Encryption vs. Hashing
- Encryption brings data into a state which cannot be interpreted by anyone who does not have access to the decryption key, password, or certificates.
- Though encryption does not restrict the access to the data, it ensures if data loss happens, then in that case data is useless for the person who does not have access to the decryption key\password\certificates.
- On the other hand, Hashing brings a string of characters of arbitrary size into a usually shorter fixed-length value or key that represents the original string and acts as a shortened reference to the original data.
- A slight change in the input string of characters produces a completely different hashed output.

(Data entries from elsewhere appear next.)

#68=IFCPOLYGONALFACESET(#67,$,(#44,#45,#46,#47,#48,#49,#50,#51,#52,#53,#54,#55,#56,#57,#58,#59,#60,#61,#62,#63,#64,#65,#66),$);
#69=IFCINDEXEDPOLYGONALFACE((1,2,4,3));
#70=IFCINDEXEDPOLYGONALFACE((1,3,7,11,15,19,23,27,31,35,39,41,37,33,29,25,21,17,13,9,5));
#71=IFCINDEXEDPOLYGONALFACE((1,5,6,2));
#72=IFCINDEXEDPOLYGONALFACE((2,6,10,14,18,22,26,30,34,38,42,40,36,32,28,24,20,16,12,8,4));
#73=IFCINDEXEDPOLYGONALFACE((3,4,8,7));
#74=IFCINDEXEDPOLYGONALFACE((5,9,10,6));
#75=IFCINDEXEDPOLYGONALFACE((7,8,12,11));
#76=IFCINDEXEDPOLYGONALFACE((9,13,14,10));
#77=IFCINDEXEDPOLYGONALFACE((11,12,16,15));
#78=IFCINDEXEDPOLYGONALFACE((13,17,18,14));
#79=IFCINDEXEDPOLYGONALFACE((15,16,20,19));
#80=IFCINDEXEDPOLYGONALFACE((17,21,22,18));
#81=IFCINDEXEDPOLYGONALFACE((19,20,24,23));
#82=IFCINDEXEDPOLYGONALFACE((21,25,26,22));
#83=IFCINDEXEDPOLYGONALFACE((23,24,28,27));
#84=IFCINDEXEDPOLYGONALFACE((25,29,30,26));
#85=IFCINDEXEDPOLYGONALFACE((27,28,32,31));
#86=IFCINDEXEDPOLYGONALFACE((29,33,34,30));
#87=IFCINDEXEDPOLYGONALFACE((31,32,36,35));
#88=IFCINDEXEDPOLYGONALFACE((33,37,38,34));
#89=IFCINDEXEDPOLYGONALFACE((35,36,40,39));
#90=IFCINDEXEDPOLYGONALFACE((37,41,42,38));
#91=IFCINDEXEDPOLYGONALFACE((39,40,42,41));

- To meet the demands of regulatory compliance and corporate data security standards, SQL Server allows you to enable encryption at the column\cell level or on the entire database level whereas hashing can be used for several purposes for example:
- Identifying incremental data or changed data - Hash values generated for an entire row (by concatenating values of all the columns of the row and then generating hash key on it) are useful for efficiently searching for differences between rows in tables and identifying if the rows have changed, in case there is no mechanism in place to identify incremental data on the source table.
- Hashing is used to index and retrieve items in a database because it is faster to find the item using the shorter hashed key than to find it using the original value.
- If you have a composite key on several lengthy columns, you can concatenate them and generate hash key on the concatenated value and then you can use this hash key as a joining key.
- Encryption is bidirectional, which means data encrypted can be decrypted back to the original string if you have access to the correct decryption key.
- Hashing is unidirectional, which means hashed data cannot be reversed back to the original string.
Getting Started with Hashing
- SQL Server has the HASHBYTES inbuilt function to hash the string of characters using different hashing algorithms.
- The supported algorithms are MD2, MD4, MD5, SHA, SHA1, or SHA2.
- The hashed data conforms to the algorithm standard in terms of storage size i.e. 128 bits (16 bytes) for MD2, MD4, and MD5; 160 bits (20 bytes) for SHA and SHA1; 256 bits (32 bytes) for SHA2_256, and 512 bits (64 bytes) for SHA2_512. SHA2_256 and SHA2_512 algorithms are available in SQL Server 2012 and later versions.
- The stronger hash function you use, the more storage space it takes, and performance are slower but it provides a stronger hash value with minimal chance of hash collision (generating the same hashed output for two different input string of characters).
- Hence, it’s recommended to use hashing algorithms depending on your workload and data to hash by making it an appropriate trade-off.
- The example below demonstrates the use of the HASHBYTES function to do hashing using MD5 algorithm.
- As mentioned before, a slight change in the input string of characters produces a completely different hashed output and this is what you could see in the second column.
- The only difference between input for the first column and input for the second column is an extra space at the end of the input string in the second input string:
SELECT HASHBYTES('MD5', 'Sample String to hash') AS Col1,
HASHBYTES('MD5', 'Sample String to hash ') AS Col2
- No matter how many times you do the hashing, the hashed output will remain the same for the same set of input strings and the same hashing algorithm.
- Based on the hashing algorithm you choose, your hashed output will change both in terms of value and size.
- For example, hashed output with MD5 algorithm produces a 16 bytes long value whereas the SHA1 algorithm produces a 20 bytes long value.